The germans have theirs on the passenger side. That's pretty consistent.


----------



## Andrew*Debbie (Jul 2, 2004)

Dave 330i said:


> Andrew*Debbie;4316420]Passenger side on ours.
> 
> The mini was/is not a german car.


 Post was in direct response to 6_Brit asking about the MINI.

Rover was out of the picture when BMW designed the R56. The car is a mix of English, French and German engineering. If you drive an R56 it is obvious some of the electronics are shared with the e90. Body and final assembly are in England but the parts come from all over Europe. It doesn't feel like an English car. Doesn't feel like a BMW either.


----------



## fully loaded (Jun 24, 2009)

Since arriving Stateside in 2002 I've had a Ford Taurus - passenger side, Saturn Ion - passenger side, Chevy Equinox - passenger side, and now the Bimmer - passenger side. Before coming I had an Alfa Romeo 155 - driver side (which being on the right would be passenger side over here), Mercedes C180 - driver side (on the right again). Cars before that were a variety of both sides that I can no longer remember.


----------



## z06bigbird (Aug 25, 2008)

Safety organizations have been trying to convince the manufacts (for years) to put the gas filler on the pass side in the US of A. (Less likely to start a fire in the event of another vehicle side swiping you.)

Vehicles that run on propane are required to have the filler, fuel pressure regulator, and fuel lines on the passenger side in the U.S. Federal legislation requires that for safety purposes. Vehicles with any of this stuff on the driver side will not pass inspection.


----------



## Dave 330i (Jan 4, 2002)

z06bigbird said:


> Safety organizations have been trying to convince the manufacts (for years) to put the gas filler on the pass side in the US of A. * (Less likely to start a fire in the event of another vehicle side swiping you.)*
> Vehicles that run on propane are required to have the filler, fuel pressure regulator, and fuel lines on the passenger side in the U.S. Federal legislation requires that for safety purposes. Vehicles with any of this stuff on the driver side will not pass inspection.

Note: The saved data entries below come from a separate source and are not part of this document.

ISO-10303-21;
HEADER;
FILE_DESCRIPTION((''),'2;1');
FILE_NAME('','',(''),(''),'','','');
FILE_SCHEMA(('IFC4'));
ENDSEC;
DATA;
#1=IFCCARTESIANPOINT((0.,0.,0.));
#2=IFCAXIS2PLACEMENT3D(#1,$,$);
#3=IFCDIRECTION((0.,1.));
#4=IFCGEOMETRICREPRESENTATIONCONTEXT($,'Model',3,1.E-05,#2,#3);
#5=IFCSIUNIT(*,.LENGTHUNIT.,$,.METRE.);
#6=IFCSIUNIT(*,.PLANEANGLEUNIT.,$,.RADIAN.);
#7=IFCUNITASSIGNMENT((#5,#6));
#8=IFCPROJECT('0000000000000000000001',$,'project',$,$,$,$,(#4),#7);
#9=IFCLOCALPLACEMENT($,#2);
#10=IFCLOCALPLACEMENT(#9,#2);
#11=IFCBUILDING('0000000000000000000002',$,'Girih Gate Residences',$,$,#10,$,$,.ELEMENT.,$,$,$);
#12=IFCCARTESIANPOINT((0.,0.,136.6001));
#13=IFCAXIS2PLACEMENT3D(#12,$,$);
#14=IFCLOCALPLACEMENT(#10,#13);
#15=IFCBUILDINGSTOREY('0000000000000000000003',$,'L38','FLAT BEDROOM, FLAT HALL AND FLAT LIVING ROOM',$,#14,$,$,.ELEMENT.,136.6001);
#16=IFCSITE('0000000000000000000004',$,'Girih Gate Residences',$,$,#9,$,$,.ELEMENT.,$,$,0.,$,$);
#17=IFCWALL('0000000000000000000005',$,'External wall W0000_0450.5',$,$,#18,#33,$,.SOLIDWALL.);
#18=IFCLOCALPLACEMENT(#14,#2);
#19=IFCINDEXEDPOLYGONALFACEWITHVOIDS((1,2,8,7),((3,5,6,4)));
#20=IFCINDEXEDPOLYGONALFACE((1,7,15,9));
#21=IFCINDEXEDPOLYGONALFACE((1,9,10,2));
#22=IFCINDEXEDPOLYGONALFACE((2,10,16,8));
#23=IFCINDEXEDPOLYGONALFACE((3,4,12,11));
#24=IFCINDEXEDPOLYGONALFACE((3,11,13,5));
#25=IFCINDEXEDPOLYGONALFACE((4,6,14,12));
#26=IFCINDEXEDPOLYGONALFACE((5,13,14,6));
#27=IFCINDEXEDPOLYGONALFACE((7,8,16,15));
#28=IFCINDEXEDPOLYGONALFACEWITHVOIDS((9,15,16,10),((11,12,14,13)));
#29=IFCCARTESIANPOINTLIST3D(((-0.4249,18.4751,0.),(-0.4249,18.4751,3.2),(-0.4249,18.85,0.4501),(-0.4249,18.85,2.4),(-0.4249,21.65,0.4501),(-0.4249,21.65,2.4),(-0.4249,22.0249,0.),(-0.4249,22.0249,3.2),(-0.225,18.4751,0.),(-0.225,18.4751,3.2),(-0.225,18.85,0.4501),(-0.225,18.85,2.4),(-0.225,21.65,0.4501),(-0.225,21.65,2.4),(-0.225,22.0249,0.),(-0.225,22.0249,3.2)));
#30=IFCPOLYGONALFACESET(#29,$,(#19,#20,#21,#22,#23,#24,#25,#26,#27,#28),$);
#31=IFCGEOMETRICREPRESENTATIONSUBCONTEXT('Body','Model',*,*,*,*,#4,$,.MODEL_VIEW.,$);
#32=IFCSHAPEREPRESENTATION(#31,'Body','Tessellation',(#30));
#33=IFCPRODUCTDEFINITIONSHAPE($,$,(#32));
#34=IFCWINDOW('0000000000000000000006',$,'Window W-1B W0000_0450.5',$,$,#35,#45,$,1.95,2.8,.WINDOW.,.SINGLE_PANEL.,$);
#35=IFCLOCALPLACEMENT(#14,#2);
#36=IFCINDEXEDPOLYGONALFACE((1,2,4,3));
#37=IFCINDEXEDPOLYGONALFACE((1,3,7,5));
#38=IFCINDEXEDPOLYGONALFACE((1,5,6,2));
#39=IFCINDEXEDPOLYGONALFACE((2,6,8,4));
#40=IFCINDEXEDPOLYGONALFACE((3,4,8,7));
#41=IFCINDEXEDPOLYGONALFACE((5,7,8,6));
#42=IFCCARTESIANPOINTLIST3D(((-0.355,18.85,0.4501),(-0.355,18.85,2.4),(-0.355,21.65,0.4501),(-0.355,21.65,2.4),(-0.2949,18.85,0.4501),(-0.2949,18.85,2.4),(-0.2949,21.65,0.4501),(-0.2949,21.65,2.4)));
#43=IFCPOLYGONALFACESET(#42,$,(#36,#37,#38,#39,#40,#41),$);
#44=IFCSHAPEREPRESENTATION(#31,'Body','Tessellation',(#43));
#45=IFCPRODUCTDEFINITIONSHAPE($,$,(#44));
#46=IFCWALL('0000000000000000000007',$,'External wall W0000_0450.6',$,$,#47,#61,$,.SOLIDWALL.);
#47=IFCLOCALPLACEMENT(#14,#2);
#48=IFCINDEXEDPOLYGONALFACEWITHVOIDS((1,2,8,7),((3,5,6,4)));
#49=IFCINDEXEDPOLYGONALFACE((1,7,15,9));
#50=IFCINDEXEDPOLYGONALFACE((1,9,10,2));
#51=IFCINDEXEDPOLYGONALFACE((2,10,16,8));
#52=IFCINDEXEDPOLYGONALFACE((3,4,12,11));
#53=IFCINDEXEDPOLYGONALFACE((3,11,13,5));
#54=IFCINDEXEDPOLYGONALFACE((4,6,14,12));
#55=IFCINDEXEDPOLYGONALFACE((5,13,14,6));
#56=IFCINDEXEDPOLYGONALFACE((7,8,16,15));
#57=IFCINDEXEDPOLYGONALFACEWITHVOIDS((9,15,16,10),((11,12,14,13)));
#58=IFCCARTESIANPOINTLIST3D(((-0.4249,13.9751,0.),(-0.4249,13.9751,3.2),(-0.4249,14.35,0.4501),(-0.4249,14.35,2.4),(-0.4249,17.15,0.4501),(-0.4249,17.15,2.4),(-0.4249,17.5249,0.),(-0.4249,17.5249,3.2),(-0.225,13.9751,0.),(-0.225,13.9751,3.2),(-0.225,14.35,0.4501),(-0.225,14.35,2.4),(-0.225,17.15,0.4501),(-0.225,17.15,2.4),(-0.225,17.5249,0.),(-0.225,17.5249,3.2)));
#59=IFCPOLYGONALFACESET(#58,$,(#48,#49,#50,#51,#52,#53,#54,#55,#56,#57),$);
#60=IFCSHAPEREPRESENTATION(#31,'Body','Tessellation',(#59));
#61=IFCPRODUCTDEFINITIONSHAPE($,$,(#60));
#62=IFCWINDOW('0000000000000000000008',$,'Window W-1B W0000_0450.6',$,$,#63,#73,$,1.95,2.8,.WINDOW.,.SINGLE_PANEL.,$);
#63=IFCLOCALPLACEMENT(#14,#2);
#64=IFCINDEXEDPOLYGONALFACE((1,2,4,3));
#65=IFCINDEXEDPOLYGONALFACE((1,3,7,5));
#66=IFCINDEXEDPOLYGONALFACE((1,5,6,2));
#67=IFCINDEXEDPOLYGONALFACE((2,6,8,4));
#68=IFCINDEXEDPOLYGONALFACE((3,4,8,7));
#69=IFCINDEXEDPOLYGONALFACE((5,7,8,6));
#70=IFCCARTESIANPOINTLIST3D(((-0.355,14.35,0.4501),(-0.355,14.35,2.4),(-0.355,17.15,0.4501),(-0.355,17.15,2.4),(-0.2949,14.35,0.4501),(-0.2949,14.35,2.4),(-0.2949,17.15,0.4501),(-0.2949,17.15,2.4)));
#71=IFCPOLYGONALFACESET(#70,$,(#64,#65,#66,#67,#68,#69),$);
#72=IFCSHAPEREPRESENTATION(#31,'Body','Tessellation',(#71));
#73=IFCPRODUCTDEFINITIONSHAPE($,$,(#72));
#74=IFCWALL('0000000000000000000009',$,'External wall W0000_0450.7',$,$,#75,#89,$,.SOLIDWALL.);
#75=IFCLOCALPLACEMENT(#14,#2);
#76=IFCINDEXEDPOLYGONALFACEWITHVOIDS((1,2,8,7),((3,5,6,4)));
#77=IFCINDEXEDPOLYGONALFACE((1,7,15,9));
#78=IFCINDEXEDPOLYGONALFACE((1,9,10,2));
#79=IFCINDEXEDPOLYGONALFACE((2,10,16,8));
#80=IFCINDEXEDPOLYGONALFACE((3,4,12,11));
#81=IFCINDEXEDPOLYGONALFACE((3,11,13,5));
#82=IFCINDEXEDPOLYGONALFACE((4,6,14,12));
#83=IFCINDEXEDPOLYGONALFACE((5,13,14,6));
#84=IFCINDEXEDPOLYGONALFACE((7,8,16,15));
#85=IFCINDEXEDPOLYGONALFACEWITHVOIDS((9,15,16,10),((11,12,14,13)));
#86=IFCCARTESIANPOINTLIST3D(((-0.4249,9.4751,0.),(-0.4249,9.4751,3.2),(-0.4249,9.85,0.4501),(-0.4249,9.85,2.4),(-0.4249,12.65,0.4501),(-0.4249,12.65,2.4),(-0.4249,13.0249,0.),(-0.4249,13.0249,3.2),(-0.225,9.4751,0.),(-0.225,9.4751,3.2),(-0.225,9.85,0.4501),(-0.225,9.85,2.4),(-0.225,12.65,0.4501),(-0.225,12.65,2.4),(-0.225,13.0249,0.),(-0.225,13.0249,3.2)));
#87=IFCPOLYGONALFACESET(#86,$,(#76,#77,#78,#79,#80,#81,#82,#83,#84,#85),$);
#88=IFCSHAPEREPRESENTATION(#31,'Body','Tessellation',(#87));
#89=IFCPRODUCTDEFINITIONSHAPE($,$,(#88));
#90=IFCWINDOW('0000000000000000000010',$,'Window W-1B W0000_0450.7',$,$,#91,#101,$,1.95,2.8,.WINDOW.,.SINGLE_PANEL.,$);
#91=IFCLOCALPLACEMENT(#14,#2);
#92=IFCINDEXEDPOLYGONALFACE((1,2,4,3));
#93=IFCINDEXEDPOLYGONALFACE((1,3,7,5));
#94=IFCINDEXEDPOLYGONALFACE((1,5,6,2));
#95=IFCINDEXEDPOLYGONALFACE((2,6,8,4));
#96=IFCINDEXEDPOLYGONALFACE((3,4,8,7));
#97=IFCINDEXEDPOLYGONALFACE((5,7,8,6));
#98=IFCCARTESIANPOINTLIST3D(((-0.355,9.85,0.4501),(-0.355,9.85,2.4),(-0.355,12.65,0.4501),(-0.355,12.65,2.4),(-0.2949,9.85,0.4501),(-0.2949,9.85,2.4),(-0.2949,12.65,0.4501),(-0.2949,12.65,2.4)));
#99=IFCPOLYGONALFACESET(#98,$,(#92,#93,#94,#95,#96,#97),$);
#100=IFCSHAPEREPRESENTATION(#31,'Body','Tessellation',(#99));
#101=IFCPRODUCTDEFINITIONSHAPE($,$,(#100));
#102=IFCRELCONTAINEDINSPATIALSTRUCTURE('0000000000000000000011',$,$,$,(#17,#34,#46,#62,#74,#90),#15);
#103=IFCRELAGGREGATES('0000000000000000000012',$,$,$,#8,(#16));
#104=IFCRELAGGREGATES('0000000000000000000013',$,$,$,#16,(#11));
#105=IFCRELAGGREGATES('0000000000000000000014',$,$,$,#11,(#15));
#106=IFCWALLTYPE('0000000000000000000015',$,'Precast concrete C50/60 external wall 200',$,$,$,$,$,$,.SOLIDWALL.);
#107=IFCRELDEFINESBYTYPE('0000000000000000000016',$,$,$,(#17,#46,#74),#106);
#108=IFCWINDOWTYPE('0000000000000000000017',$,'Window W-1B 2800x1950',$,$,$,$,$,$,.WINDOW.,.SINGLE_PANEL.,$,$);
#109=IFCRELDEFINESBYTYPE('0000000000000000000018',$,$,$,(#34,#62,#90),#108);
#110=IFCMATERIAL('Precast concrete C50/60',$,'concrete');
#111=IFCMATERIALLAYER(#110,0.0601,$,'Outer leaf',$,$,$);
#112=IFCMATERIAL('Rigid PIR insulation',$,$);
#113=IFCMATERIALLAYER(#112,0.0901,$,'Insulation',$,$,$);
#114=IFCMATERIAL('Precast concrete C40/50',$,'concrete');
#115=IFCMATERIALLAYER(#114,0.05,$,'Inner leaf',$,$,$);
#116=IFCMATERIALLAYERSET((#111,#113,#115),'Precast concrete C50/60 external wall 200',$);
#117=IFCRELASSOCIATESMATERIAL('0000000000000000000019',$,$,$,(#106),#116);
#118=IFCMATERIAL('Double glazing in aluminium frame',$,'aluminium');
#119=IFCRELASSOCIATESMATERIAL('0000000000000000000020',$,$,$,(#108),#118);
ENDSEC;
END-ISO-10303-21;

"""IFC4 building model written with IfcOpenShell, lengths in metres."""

from ifc_helpers import new_model, si_unit, direction, frame, frame_2d, origin, place, context, subcontext, project, spatial, rectangle, extrude, material, layer, layer_set, type_object, element, fill, save


model = new_model("IFC4")

# Units and contexts
model_context = context("Model", 3, precision=1e-05, world=origin(), true_north=direction((0.0, 1.0)))
body_context = subcontext(model_context, "Body", "Model", "MODEL_VIEW")
ifc_project = project(units=[si_unit("LENGTHUNIT", "METRE"), si_unit("PLANEANGLEUNIT", "RADIAN")], contexts=[model_context])

# Site, building, storey
site_placement = place(None, origin())
site = spatial("IfcSite", under=ifc_project, at=site_placement, Name="Girih Gate Residences", CompositionType="ELEMENT", RefElevation=0.0)
building_placement = place(site_placement, origin())
building = spatial("IfcBuilding", under=site, at=building_placement, Name="Girih Gate Residences", CompositionType="ELEMENT")
storey_placement = place(building_placement, frame((0.0, 0.0, 136.6001)))
storey = spatial("IfcBuildingStorey", under=building, at=storey_placement, Name="L38", Description="FLAT BEDROOM, FLAT HALL AND FLAT LIVING ROOM", CompositionType="ELEMENT", Elevation=136.6001)

# Walls, openings, windows
ifc_material_1 = material(Name="Precast concrete C50/60", Category="concrete")
ifc_layer_1 = layer(ifc_material_1, 0.0601, Name="Outer leaf")
ifc_material_2 = material(Name="Rigid PIR insulation")
ifc_layer_2 = layer(ifc_material_2, 0.0901, Name="Insulation")
ifc_material_3 = material(Name="Precast concrete C40/50", Category="concrete")
ifc_layer_3 = layer(ifc_material_3, 0.05, Name="Inner leaf")
ifc_layer_set_1 = layer_set([ifc_layer_1, ifc_layer_2, ifc_layer_3], Name="Precast concrete C50/60 external wall 200")
wall_type_1 = type_object("IfcWallType", Name="Precast concrete C50/60 external wall 200", PredefinedType="SOLIDWALL", material=ifc_layer_set_1)
wall_1_placement = place(storey_placement, frame((-0.325, 18.4751, 0.0), z_axis=(0.0, 0.0, 1.0), x_axis=(0.0, 1.0, 0.0)))
wall_1 = element("IfcWall", 1, at=wall_1_placement, inside=storey, type_object=wall_type_1, Name="External wall W0000_0450.5", PredefinedType="SOLIDWALL", context=body_context, shape_type="SweptSolid", body=[
    extrude(rectangle(XDim=3.5498, YDim=0.2, at=frame_2d((1.7749, 0.0))), origin(), (0.0, 0.0, 1.0), 3.2),
])
opening_1_placement = place(wall_1_placement, frame((0.375, 0.0, 0.45)))
opening_1 = element("IfcOpeningElement", 2, at=opening_1_placement, cuts=wall_1, PredefinedType="OPENING", context=body_context, shape_type="SweptSolid", body=[
    extrude(rectangle(XDim=2.8, YDim=1.95, at=frame_2d((1.3999, 0.9751))), frame((0.0, 0.1099, 0.0), z_axis=(0.0, -1.0, 0.0), x_axis=(1.0, 0.0, 0.0)), (0.0, 0.0, 1.0), 0.22),
])
ifc_material_4 = material(Name="Double glazing in aluminium frame", Category="aluminium")
window_type = type_object("IfcWindowType", Name="Window W-1B 2800x1950", PartitioningType="SINGLE_PANEL", PredefinedType="WINDOW", material=ifc_material_4)
window_1_placement = place(opening_1_placement, origin())
window_1 = element("IfcWindow", 3, at=window_1_placement, inside=storey, type_object=window_type, Name="Window W-1B W0000_0450.5", OverallHeight=1.95, OverallWidth=2.8, PartitioningType="SINGLE_PANEL", PredefinedType="WINDOW", context=body_context, shape_type="SweptSolid", body=[
    extrude(rectangle(XDim=2.8, YDim=1.95, at=frame_2d((1.3999, 0.9751))), frame((0.0, 0.03, 0.0), z_axis=(0.0, -1.0, 0.0), x_axis=(1.0, 0.0, 0.0)), (0.0, 0.0, 1.0), 0.0601),
])
fill(opening_1, window_1)
wall_2_placement = place(storey_placement, frame((-0.325, 13.9751, 0.0), z_axis=(0.0, 0.0, 1.0), x_axis=(0.0, 1.0, 0.0)))
wall_2 = element("IfcWall", 4, at=wall_2_placement, inside=storey, type_object=wall_type_1, Name="External wall W0000_0450.6", PredefinedType="SOLIDWALL", context=body_context, shape_type="SweptSolid", body=[
    extrude(rectangle(XDim=3.5498, YDim=0.2, at=frame_2d((1.7749, 0.0))), origin(), (0.0, 0.0, 1.0), 3.2),
])
opening_2_placement = place(wall_2_placement, frame((0.375, 0.0, 0.45)))
opening_2 = element("IfcOpeningElement", 5, at=opening_2_placement, cuts=wall_2, PredefinedType="OPENING", context=body_context, shape_type="SweptSolid", body=[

You are more likely to be side swiped on one side, the driver's side?


----------



## TeamM3 (Dec 24, 2002)

at least they finally wised up and started putting an indicator on the dash 


judging by several years of observation at Costco gas stations there are more cars in the US with the location on the left rather than the right :dunno: 



.


----------



## dannyc9997 (May 15, 2008)

Dave 330i said:


> You are more likely to be side swiped on one side, the driver's side?


That doesnt make too much sense to me either. I suppose most driving is done on 2 lane streets but still people are pulling out from the right all the time. If anything Id think your more likely to be hit (or hit something) on the other side because its harder to judge.


----------



## Dave 330i (Jan 4, 2002)

TeamM3 said:


> at least they finally wised up and started putting an indicator on the dash
> 
> judging by several years of observation at Costco gas stations there are more cars in the US with the location on the left rather than the right :dunno: .


With exceptions, perhaps US and EU using common chassis, in general, American cars have gas fillers on the driver's side while EU cars have fillers on the passenger sides.


----------